Walikota Pangkalpinang pimpin upacara peringatan Hardiknas 2026, Senin (4/5/2026)
Pangkalpinang, persindonesia.com —
Wali Kota Pangkalpinang, Saparudin, memimpin upacara peringatan Hari Pendidikan Nasional (Hardiknas) 2026 yang digelar di halaman Kantor Wali Kota Pangkalpinang, Senin (4/5/2026).
Dalam momentum ini, pemerintah daerah menegaskan komitmennya untuk meningkatkan kualitas pendidikan melalui penguatan sumber daya manusia dan pembangunan infrastruktur.
Upacara diikuti oleh Sekretaris Daerah, pejabat eselon II, kepala bagian Setdako, serta guru dan sejumlah pelajar di lingkungan Pemerintah Kota Pangkalpinang.

Dalam rangkaian kegiatan tersebut, Pemkot Pangkalpinang menyerahkan penghargaan kepada para guru sebagai bentuk apresiasi atas dedikasi mereka. Selain itu, santunan juga diberikan kepada anggota KORPRI yang sedang sakit sebagai wujud kepedulian dan solidaritas.
Pada kesempatan tersebut, Wali Kota juga membacakan sambutan Menteri Pendidikan Dasar dan Menengah yang menekankan pentingnya kolaborasi dalam meningkatkan kualitas pendidikan nasional.
Usai upacara, Saparudin menyampaikan bahwa pemerintah daerah mendukung penuh program Presiden RI, Prabowo Subianto, melalui Kementerian Pendidikan dalam upaya meningkatkan mutu pendidikan.

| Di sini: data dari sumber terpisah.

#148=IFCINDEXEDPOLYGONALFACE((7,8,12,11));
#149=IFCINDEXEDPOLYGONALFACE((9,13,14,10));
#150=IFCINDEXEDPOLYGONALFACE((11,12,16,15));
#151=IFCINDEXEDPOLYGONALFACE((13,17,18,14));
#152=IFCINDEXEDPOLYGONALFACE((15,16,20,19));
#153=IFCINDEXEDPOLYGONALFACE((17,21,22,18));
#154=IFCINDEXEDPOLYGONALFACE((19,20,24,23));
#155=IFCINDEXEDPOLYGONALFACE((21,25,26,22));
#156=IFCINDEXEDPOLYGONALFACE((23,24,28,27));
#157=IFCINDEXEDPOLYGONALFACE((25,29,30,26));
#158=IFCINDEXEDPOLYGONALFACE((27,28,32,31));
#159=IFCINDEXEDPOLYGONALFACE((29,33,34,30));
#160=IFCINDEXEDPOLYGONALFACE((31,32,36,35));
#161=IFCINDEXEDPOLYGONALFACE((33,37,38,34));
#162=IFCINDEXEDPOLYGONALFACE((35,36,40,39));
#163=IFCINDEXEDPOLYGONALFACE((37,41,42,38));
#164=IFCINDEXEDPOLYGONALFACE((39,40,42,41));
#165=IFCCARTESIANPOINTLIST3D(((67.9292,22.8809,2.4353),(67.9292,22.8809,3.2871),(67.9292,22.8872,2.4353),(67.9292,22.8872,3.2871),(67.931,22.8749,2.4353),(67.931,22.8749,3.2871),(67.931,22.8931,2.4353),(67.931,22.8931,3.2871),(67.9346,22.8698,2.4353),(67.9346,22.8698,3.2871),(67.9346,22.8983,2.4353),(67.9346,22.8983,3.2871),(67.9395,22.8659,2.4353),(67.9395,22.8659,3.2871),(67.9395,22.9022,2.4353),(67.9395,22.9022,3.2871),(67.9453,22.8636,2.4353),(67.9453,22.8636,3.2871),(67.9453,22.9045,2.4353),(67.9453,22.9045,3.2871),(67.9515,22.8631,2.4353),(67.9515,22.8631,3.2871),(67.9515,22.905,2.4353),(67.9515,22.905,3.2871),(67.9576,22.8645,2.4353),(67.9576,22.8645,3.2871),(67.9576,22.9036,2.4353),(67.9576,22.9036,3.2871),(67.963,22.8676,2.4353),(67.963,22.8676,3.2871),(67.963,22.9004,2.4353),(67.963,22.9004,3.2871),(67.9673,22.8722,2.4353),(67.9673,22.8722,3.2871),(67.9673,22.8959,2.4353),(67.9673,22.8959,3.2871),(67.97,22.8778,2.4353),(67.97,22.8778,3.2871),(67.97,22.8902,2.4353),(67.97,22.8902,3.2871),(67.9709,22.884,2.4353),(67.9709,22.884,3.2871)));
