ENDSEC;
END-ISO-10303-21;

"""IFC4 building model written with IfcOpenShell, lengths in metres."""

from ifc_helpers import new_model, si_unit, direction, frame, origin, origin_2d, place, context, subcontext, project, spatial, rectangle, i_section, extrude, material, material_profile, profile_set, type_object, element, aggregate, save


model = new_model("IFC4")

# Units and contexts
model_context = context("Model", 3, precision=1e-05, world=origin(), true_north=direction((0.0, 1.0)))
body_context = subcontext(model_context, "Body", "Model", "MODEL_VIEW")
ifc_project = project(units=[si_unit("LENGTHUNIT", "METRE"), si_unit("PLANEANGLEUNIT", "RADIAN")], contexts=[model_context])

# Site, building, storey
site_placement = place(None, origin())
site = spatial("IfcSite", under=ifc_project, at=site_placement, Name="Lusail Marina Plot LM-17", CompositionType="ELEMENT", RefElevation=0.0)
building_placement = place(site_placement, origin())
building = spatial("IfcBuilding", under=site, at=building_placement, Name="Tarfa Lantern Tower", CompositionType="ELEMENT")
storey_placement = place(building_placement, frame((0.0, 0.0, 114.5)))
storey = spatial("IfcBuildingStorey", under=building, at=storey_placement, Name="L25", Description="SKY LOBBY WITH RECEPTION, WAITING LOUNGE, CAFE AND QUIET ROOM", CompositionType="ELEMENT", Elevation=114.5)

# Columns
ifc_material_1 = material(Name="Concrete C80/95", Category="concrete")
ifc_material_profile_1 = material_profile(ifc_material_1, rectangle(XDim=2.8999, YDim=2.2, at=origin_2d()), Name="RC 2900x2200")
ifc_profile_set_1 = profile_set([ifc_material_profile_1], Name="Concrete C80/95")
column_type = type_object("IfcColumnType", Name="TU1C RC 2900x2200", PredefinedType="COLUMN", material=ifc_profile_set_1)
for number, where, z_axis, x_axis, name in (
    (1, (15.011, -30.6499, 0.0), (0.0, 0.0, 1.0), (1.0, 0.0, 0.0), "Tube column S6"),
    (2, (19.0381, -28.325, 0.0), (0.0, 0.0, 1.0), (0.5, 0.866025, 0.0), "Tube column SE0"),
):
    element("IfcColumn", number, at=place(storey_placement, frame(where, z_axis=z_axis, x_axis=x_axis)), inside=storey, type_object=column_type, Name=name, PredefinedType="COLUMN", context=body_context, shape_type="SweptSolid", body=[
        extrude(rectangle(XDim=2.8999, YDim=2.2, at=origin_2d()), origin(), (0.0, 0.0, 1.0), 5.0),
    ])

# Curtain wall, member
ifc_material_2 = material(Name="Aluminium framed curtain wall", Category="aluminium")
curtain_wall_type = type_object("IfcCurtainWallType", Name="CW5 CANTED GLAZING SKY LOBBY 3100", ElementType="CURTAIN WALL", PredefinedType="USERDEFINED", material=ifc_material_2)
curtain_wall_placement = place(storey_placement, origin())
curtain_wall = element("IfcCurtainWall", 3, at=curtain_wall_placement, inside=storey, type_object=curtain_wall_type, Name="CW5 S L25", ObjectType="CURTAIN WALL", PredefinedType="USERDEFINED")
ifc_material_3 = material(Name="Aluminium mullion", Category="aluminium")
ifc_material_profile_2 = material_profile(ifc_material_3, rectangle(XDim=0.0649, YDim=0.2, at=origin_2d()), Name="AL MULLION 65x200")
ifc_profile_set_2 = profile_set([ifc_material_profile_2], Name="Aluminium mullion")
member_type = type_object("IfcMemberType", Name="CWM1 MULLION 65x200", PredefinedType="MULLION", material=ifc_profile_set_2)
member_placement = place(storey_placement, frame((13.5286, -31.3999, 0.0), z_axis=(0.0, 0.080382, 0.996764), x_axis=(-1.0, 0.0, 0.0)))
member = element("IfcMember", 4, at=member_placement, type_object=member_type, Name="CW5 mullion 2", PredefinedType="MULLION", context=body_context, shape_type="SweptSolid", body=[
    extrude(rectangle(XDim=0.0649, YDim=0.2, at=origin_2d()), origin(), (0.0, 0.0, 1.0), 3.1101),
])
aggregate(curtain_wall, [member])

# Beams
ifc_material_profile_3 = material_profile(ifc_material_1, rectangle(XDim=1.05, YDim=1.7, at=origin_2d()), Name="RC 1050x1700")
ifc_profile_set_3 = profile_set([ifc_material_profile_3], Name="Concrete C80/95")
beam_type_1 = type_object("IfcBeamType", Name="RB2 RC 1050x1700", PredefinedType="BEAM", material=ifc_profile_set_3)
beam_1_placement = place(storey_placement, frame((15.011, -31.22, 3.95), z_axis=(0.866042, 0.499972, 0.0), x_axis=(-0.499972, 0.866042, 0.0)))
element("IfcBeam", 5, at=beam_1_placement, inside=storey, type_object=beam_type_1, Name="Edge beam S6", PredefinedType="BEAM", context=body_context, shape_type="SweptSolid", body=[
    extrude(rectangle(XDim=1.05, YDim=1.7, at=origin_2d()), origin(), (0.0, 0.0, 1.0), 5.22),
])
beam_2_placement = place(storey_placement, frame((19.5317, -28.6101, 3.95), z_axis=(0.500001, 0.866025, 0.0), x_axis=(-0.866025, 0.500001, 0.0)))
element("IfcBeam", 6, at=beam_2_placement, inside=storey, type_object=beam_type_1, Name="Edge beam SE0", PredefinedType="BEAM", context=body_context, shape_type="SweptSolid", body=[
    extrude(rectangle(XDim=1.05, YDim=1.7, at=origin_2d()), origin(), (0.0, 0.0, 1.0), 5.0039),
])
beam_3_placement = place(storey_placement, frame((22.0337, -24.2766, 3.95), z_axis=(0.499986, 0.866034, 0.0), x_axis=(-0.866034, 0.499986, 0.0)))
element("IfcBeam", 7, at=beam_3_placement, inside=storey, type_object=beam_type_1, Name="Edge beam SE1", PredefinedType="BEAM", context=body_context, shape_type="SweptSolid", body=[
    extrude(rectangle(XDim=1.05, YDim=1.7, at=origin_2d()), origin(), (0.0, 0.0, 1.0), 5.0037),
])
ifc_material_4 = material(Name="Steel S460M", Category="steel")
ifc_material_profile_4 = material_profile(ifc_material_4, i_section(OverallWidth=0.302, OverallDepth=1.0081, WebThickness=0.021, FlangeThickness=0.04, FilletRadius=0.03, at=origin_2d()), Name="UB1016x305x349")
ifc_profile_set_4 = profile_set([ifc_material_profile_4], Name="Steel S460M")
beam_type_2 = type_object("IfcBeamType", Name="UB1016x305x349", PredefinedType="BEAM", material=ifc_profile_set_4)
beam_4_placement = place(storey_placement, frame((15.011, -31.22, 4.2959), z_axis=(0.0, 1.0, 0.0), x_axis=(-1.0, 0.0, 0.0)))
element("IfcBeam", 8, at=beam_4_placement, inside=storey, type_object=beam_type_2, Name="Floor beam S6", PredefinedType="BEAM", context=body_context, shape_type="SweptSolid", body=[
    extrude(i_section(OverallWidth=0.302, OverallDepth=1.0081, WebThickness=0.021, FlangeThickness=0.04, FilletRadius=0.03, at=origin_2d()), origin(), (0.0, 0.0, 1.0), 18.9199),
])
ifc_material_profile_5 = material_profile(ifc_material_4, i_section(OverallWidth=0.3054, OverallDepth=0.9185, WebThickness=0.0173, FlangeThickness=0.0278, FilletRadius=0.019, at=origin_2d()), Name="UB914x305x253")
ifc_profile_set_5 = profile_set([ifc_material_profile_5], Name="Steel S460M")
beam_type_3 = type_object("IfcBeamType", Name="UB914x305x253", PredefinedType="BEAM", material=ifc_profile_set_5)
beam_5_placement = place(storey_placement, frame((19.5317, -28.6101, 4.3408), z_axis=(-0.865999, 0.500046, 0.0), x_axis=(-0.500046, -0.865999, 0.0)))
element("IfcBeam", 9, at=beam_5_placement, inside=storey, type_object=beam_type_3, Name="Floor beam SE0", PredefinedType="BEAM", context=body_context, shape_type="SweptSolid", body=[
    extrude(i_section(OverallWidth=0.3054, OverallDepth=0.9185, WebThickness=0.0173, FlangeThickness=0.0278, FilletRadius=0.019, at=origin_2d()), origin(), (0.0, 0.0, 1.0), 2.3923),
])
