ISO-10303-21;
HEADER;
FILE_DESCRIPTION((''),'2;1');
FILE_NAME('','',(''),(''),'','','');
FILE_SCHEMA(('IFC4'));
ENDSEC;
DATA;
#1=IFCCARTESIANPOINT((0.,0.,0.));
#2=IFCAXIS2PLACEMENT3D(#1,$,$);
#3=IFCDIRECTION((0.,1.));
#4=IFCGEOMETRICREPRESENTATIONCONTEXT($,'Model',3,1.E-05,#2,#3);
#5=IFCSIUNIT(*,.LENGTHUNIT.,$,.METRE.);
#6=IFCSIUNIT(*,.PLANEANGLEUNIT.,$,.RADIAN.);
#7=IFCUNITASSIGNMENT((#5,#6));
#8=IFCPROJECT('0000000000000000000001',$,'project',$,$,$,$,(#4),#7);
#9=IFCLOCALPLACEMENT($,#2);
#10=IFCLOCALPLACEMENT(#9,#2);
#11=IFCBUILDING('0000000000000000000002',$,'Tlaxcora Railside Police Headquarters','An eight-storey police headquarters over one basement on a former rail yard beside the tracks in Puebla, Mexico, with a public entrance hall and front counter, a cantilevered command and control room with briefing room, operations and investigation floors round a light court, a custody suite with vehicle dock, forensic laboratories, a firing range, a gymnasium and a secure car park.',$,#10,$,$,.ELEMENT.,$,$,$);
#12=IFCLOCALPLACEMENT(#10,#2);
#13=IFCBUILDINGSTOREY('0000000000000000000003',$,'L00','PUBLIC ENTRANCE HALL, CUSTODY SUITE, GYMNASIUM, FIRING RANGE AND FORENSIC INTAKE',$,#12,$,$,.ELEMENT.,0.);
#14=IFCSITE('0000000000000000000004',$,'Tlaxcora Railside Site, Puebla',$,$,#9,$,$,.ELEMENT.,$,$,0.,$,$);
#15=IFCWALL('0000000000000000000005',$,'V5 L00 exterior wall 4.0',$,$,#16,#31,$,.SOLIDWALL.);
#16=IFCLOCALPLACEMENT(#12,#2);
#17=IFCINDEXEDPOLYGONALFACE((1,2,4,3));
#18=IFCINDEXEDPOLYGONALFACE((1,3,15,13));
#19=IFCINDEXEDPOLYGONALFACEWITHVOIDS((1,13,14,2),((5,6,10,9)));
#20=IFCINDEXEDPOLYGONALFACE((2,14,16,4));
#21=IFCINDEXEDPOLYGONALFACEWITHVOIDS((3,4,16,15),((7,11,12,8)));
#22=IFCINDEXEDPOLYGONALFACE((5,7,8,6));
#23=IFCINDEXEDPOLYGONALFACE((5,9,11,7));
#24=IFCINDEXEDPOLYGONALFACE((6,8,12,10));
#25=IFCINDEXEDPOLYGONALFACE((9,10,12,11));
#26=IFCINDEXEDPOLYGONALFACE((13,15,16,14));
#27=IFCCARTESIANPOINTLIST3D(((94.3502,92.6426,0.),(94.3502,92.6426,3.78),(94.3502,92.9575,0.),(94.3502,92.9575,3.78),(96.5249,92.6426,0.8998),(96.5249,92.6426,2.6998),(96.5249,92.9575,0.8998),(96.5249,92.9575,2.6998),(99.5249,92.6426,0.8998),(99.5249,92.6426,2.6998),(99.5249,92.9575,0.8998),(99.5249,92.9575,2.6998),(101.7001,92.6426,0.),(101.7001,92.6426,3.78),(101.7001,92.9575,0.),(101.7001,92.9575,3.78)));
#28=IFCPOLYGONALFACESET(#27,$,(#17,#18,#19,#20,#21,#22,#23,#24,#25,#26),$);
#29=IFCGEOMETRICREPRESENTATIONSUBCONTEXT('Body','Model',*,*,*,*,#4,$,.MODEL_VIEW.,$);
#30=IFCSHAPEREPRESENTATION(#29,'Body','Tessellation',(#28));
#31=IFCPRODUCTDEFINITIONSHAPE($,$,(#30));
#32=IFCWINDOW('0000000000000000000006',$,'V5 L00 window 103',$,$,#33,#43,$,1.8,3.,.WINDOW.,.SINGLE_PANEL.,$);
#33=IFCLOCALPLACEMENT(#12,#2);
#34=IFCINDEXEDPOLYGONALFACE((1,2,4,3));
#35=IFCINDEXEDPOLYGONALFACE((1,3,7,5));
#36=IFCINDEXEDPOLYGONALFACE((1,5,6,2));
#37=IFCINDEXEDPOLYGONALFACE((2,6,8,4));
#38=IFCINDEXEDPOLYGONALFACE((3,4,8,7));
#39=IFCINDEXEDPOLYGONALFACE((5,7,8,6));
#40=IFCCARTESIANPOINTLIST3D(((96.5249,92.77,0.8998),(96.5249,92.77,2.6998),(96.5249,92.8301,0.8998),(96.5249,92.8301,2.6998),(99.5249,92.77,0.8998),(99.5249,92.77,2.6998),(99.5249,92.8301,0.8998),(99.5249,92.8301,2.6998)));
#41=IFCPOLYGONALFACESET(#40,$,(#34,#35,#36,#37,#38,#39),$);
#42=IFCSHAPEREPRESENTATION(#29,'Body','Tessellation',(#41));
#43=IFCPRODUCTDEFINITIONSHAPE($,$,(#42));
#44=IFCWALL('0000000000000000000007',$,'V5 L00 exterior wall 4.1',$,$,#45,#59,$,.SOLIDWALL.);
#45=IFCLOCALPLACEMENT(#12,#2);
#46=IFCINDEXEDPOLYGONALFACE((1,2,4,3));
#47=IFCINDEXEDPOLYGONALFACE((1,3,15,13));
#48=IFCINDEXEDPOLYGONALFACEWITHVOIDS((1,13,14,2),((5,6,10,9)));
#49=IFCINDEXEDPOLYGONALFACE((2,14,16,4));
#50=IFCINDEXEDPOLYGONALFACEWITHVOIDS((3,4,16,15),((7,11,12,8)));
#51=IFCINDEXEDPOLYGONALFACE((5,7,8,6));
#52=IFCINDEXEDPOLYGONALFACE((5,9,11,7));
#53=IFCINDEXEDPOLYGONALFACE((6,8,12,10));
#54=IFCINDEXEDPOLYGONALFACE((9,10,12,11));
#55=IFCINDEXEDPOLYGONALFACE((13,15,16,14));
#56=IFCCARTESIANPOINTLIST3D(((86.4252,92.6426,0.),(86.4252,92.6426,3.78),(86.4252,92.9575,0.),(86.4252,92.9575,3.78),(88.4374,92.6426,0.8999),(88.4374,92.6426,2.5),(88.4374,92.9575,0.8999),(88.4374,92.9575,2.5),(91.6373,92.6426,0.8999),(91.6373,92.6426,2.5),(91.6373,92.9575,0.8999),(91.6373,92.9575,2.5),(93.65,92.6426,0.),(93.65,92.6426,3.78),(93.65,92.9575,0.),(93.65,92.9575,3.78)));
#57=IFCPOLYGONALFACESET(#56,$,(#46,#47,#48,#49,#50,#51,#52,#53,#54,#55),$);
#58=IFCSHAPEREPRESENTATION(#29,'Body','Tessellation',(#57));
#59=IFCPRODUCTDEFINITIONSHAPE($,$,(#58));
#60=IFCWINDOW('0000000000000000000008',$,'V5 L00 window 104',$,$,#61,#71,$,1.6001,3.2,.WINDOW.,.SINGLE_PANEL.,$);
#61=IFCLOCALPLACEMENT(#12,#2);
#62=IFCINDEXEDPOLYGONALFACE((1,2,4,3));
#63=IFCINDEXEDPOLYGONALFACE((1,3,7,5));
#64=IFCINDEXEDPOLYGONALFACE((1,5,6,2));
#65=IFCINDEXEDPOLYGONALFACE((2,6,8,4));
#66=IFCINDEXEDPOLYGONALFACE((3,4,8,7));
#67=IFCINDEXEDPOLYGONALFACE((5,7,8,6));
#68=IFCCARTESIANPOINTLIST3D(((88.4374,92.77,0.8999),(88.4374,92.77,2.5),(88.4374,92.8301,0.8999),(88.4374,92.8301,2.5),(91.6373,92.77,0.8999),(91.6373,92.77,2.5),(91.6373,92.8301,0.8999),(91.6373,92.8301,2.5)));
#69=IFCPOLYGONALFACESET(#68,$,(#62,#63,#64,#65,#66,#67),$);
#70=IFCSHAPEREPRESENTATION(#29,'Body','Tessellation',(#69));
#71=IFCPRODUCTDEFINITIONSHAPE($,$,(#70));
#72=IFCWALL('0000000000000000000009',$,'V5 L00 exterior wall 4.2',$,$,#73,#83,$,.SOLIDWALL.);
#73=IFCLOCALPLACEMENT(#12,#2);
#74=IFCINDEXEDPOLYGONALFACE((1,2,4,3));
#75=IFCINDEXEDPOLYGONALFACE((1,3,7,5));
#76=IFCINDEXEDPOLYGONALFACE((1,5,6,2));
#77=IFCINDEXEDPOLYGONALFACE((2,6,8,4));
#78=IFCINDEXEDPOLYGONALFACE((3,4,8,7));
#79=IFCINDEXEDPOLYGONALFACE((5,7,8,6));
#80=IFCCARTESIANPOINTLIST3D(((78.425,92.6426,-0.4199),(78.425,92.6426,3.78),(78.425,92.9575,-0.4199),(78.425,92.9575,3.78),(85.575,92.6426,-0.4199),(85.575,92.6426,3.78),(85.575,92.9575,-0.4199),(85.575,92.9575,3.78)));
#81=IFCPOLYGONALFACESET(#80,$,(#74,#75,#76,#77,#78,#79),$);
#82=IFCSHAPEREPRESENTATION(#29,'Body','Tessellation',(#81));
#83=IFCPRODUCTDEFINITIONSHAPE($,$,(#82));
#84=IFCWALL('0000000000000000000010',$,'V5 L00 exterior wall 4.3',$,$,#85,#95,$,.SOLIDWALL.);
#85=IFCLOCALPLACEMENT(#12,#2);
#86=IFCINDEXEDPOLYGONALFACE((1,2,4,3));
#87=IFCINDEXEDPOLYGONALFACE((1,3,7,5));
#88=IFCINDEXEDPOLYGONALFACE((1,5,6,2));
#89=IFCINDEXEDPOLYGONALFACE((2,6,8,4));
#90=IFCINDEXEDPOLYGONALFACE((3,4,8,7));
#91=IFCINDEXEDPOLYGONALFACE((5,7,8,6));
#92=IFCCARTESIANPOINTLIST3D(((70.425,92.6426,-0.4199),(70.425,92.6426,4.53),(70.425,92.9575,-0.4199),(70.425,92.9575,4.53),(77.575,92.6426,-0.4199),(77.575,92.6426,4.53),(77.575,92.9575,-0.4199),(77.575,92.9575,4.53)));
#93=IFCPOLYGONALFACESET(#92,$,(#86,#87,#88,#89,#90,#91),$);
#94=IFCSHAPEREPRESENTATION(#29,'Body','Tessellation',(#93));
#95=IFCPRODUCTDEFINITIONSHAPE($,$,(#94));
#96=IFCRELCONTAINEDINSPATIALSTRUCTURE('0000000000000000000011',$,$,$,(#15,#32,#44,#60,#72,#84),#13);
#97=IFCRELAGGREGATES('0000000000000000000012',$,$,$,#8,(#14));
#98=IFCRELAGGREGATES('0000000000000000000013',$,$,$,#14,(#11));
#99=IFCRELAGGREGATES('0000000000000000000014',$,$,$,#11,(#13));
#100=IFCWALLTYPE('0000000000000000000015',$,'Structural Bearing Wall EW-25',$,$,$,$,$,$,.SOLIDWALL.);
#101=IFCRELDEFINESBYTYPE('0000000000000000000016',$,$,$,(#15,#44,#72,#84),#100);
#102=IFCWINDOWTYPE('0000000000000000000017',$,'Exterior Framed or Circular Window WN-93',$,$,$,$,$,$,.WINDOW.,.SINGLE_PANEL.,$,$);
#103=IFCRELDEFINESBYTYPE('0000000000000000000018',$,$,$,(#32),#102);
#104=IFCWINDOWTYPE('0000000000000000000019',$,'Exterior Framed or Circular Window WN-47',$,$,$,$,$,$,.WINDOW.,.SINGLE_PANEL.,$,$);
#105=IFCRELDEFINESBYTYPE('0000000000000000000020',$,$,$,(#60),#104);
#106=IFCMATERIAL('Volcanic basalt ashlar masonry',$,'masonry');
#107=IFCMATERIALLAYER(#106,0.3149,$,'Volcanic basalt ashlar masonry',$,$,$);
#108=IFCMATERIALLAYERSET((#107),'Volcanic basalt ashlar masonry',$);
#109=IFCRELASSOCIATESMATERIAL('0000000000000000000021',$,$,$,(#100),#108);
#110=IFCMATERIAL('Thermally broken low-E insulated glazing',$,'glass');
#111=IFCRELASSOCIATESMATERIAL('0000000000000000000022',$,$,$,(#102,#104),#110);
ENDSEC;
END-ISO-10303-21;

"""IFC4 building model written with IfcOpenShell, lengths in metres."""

from ifc_helpers import new_model, si_unit, direction, frame, frame_2d, origin, place, context, subcontext, project, spatial, rectangle, extrude, material, layer, layer_set, type_object, element, fill, save


model = new_model("IFC4")

# Units and contexts
model_context = context("Model", 3, precision=1e-05, world=origin(), true_north=direction((0.0, 1.0)))
body_context = subcontext(model_context, "Body", "Model", "MODEL_VIEW")
ifc_project = project(units=[si_unit("LENGTHUNIT", "METRE"), si_unit("PLANEANGLEUNIT", "RADIAN")], contexts=[model_context])

# Site, building, storey
site_placement = place(None, origin())
site = spatial("IfcSite", under=ifc_project, at=site_placement, Name="Tlaxcora Railside Site, Puebla", CompositionType="ELEMENT", RefElevation=0.0)
building_placement = place(site_placement, origin())
building = spatial("IfcBuilding", under=site, at=building_placement, Name="Tlaxcora Railside Police Headquarters", Description="An eight-storey police headquarters over one basement on a former rail yard beside the tracks in Puebla, Mexico, with a public entrance hall and front counter, a cantilevered command and control room with briefing room, operations and investigation floors round a light court, a custody suite with vehicle dock, forensic laboratories, a firing range, a gymnasium and a secure car park.", CompositionType="ELEMENT")
storey_placement = place(building_placement, origin())
storey = spatial("IfcBuildingStorey", under=building, at=storey_placement, Name="L00", Description="PUBLIC ENTRANCE HALL, CUSTODY SUITE, GYMNASIUM, FIRING RANGE AND FORENSIC INTAKE", CompositionType="ELEMENT", Elevation=0.0)

# Walls, openings, windows
ifc_material_1 = material(Name="Volcanic basalt ashlar masonry", Category="masonry")
ifc_layer_1 = layer(ifc_material_1, 0.3149, Name="Volcanic basalt ashlar masonry")
ifc_layer_set_1 = layer_set([ifc_layer_1], Name="Volcanic basalt ashlar masonry")
wall_type_1 = type_object("IfcWallType", Name="Structural Bearing Wall EW-25", PredefinedType="SOLIDWALL", material=ifc_layer_set_1)
wall_1_placement = place(storey_placement, frame((101.7, 92.8, 0.0), z_axis=(0.0, 0.0, 1.0), x_axis=(-1.0, 0.0, 0.0)))
wall_1 = element("IfcWall", 1, at=wall_1_placement, inside=storey, type_object=wall_type_1, Name="V5 L00 exterior wall 4.0", PredefinedType="SOLIDWALL", context=body_context, shape_type="SweptSolid", body=[
    extrude(rectangle(XDim=7.3499, YDim=0.3149, at=frame_2d((3.6748, 0.0))), origin(), (0.0, 0.0, 1.0), 3.78),
])
opening_1_placement = place(wall_1_placement, frame((2.175, 0.0, 0.8999)))
opening_1 = element("IfcOpeningElement", 2, at=opening_1_placement, cuts=wall_1, PredefinedType="OPENING", context=body_context, shape_type="SweptSolid", body=[
    extrude(rectangle(XDim=3.0, YDim=1.8, at=frame_2d((1.5, 0.8999))), frame((0.0, 0.1675, 0.0), z_axis=(0.0, -1.0, 0.0), x_axis=(1.0, 0.0, 0.0)), (0.0, 0.0, 1.0), 0.335),
])
ifc_material_2 = material(Name="Thermally broken low-E insulated glazing", Category="glass")
window_type_1 = type_object("IfcWindowType", Name="Exterior Framed or Circular Window WN-93", PartitioningType="SINGLE_PANEL", PredefinedType="WINDOW", material=ifc_material_2)
window_1_placement = place(opening_1_placement, origin())
window_1 = element("IfcWindow", 3, at=window_1_placement, inside=storey, type_object=window_type_1, Name="V5 L00 window 103", OverallHeight=1.8, OverallWidth=3.0, PartitioningType="SINGLE_PANEL", PredefinedType="WINDOW", context=body_context, shape_type="SweptSolid", body=[
    extrude(rectangle(XDim=3.0, YDim=1.8, at=frame_2d((1.5, 0.8999))), frame((0.0, 0.03, 0.0), z_axis=(0.0, -1.0, 0.0), x_axis=(1.0, 0.0, 0.0)), (0.0, 0.0, 1.0), 0.0601),
])
fill(opening_1, window_1)
wall_2_placement = place(storey_placement, frame((93.6499, 92.8, 0.0), z_axis=(0.0, 0.0, 1.0), x_axis=(-1.0, 0.0, 0.0)))
wall_2 = element("IfcWall", 4, at=wall_2_placement, inside=storey, type_object=wall_type_1, Name="V5 L00 exterior wall 4.1", PredefinedType="SOLIDWALL", context=body_context, shape_type="SweptSolid", body=[
    extrude(rectangle(XDim=7.2249, YDim=0.3149, at=frame_2d((3.6123, 0.0))), origin(), (0.0, 0.0, 1.0), 3.78),
])
opening_2_placement = place(wall_2_placement, frame((2.0125, 0.0, 0.8999)))
opening_2 = element("IfcOpeningElement", 5, at=opening_2_placement, cuts=wall_2, PredefinedType="OPENING", context=body_context, shape_type="SweptSolid", body=[
    extrude(rectangle(XDim=3.2, YDim=1.6001, at=frame_2d((1.6001, 0.8))), frame((0.0, 0.1675, 0.0), z_axis=(0.0, -1.0, 0.0), x_axis=(1.0, 0.0, 0.0)), (0.0, 0.0, 1.0), 0.335),
])
window_type_2 = type_object("IfcWindowType", Name="Exterior Framed or Circular Window WN-47", PartitioningType="SINGLE_PANEL", PredefinedType="WINDOW", material=ifc_material_2)
window_2_placement = place(opening_2_placement, origin())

“Program pemerintah pusat fokus pada peningkatan kualitas guru, perbaikan fasilitas pendidikan, serta penguatan karakter siswa. Ini menjadi perhatian serius yang kami tindak lanjuti di daerah,” ujarnya.

Ia menambahkan, Pemkot Pangkalpinang terus berupaya meningkatkan kualitas pendidikan, baik dari sisi infrastruktur maupun sumber daya manusia. Tahun ini, pemerintah akan menambah satu sekolah baru, yakni SMP Negeri 11.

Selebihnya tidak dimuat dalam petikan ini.